Yes. Expect 1.2-1.5x slower training and ~1.1x more GPU memory because the teacher model runs inference on each batch. The teacher runs in eval mode without gradients, keeping overhead manageable. Use amp=True to reduce impact.
Knowledge distillation works with detect, segment, pose, and obb tasks because it distills features from the three neck layers that feed the Detect-family head. Classify and semantic tasks are not supported.

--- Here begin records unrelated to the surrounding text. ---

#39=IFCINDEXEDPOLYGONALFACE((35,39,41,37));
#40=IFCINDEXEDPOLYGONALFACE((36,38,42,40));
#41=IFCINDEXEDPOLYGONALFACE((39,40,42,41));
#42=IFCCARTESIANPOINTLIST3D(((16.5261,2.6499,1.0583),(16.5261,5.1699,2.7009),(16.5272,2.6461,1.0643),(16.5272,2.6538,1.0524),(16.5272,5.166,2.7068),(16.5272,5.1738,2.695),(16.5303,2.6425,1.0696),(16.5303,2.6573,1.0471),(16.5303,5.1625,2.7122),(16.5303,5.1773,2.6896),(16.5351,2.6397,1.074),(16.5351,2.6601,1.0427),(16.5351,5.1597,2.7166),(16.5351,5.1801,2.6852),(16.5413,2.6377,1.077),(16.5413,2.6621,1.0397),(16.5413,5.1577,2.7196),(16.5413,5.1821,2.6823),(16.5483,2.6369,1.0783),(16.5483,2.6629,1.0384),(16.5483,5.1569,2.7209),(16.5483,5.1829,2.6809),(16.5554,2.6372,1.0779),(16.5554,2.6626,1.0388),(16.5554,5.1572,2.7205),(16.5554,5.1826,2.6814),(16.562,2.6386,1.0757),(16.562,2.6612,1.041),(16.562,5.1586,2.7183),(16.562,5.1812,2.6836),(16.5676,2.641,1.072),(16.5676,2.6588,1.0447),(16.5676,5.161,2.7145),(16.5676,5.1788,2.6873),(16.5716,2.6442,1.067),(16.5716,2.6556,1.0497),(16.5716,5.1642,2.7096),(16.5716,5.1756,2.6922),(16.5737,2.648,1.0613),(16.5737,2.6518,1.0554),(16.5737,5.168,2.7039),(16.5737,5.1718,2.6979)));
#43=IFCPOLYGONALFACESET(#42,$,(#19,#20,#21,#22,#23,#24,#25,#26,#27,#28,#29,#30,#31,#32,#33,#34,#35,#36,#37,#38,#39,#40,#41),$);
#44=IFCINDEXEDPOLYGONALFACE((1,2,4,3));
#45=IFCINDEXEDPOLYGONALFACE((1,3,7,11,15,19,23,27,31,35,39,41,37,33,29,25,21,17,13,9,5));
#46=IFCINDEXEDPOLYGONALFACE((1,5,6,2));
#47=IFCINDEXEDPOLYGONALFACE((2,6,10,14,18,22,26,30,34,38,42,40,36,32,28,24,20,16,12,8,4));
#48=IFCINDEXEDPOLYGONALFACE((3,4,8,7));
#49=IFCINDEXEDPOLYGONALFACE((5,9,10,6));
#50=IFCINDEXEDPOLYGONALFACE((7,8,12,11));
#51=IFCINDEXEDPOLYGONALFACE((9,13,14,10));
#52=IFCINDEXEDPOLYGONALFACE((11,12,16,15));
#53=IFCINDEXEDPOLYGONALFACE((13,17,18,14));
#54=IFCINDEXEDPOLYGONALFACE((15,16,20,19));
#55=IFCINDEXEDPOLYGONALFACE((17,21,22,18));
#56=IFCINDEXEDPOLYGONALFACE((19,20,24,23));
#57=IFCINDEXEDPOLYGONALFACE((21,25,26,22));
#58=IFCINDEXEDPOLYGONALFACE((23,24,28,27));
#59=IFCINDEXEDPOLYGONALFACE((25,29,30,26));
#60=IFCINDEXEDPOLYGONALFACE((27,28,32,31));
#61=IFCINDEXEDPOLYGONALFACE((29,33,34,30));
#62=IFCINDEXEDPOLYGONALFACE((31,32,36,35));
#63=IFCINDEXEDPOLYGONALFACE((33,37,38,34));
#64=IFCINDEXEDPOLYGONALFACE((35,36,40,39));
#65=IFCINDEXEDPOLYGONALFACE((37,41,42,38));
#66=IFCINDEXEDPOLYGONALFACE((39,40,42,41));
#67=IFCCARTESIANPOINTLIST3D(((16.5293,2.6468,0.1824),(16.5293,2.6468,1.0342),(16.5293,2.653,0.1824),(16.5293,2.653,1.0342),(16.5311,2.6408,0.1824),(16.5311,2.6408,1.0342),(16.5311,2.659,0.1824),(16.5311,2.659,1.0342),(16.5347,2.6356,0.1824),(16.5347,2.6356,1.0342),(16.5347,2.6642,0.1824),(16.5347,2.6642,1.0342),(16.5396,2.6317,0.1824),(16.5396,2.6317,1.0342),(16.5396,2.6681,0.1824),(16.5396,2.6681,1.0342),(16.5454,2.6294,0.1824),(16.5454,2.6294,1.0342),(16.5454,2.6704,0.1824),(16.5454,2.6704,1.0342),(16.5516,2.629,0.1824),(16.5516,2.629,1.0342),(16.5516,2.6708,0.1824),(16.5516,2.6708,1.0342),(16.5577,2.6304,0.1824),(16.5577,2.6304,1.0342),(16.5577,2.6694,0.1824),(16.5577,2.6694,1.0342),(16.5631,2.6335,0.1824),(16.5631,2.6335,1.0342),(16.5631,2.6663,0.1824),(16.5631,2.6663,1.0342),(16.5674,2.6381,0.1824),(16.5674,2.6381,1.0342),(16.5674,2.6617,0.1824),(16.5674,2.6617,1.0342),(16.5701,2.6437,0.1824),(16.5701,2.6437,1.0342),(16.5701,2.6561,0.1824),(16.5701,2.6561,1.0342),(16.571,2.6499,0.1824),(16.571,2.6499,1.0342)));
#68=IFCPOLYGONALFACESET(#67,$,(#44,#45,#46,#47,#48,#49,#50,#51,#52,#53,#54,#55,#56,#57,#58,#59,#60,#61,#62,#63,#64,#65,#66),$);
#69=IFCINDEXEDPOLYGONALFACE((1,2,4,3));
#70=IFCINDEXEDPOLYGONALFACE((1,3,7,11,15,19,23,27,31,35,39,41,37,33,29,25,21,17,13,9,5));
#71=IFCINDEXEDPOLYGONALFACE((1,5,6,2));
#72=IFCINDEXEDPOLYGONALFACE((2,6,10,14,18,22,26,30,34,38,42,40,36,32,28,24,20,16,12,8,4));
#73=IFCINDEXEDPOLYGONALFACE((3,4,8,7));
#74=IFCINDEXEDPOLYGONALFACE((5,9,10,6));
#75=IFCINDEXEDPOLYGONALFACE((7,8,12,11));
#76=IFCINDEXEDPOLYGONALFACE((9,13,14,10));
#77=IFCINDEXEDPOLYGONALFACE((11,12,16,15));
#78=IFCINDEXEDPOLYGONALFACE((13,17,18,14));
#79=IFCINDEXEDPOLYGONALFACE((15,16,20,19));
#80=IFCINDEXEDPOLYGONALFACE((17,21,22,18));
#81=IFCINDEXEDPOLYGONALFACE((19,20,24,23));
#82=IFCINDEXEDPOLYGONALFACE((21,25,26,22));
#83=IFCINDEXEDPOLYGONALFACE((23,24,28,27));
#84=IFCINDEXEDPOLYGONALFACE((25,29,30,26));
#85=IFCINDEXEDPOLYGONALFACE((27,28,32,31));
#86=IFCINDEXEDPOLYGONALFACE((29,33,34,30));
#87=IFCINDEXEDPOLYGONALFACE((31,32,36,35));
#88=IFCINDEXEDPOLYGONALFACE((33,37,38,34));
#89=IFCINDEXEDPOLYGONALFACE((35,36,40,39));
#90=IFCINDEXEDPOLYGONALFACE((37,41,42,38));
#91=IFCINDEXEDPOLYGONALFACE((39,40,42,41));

Only detect has been experimentally verified for accuracy improvements. Segment, pose, and obb are technically compatible but not yet benchmarked.
The teacher and student must belong to the same YOLO family (e.g., YOLOv8, YOLO11, or YOLO26). Cross-family distillation (e.g., a YOLO11 teacher with a YOLO26 student) is not supported.